Et la raison à cela est assez simple et en même temps assez déroutante : Le nom d'utilisateur qui lance le service ne peut PAS être trouvé via Get-Service. Je ne comprends toujours pas à l'heure qu'il est pourquoi cette information n'est pas remontée par la commande Get-Service , alors qu'elle est aisément trouvable depuis une autre commande, que je vais vous montrer.
Comment faire?
Comme un certain nombre de commandes, Get-Service n'est rien de plus que l'adaptation d'une autre commande utilisant ici WMI et la classe Win32_Service. Nous allons donc rechercher à l'aide de WMI le service Thèmes à l'aide d'un filtre, puis nous verrons ce que nous pouvons en tirer.

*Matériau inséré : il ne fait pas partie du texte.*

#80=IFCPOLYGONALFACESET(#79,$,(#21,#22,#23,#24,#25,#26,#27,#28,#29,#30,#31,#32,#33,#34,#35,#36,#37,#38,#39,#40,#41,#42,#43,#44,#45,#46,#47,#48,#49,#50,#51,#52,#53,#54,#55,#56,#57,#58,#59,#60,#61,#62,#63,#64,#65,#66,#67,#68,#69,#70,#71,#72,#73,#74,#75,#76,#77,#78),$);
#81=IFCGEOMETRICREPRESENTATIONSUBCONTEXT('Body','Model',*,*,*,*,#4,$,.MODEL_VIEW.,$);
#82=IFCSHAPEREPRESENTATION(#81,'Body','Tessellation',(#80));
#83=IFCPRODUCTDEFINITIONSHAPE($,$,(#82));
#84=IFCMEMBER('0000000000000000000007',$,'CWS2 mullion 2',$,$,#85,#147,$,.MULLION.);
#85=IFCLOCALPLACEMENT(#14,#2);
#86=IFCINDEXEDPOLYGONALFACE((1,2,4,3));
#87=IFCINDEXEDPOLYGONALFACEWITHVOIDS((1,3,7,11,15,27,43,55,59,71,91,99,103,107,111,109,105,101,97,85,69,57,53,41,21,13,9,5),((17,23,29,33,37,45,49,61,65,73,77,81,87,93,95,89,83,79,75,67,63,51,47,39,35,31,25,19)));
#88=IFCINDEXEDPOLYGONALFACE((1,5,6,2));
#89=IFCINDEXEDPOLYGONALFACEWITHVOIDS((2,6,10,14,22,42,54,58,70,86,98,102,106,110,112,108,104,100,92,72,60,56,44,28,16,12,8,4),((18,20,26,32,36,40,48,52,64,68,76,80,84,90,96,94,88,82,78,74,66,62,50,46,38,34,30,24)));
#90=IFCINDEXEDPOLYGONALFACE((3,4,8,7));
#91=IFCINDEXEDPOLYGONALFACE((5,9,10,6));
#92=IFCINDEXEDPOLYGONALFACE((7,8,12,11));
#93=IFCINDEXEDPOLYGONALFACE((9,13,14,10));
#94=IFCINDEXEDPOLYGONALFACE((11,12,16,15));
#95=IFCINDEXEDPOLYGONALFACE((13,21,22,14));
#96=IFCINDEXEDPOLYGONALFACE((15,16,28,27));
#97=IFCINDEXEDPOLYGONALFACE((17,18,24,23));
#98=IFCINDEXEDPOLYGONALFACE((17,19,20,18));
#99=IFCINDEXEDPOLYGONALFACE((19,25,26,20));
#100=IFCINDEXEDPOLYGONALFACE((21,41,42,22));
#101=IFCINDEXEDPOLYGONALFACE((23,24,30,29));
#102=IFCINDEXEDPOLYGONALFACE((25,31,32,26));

Observez d'abord la syntaxe de la commande de filtre, vous verrez qu'elle diffère de ce que Powershell propose d'habitude.
$themeswmi = Get-WmiObject Win32_service -filter 'NAME = "Themes"'Pourquoi 'NAME = "Themes"' et non pas l'habituel 'NAME -eq "Themes"' ?
Tout simplement parce que les filtres de Get-Wmiobject n'utilisent pas Powershell mais un autre langage, syntaxé différemment, le WQL (Wmi Query Language). Je vous invite à vous rendre sur cette page afin d'en savoir plus sur la manière de faire des requêtes en WQL. Maintenant, regardons le résultat d'un get-member sur notre variable issue d'une requête WMI.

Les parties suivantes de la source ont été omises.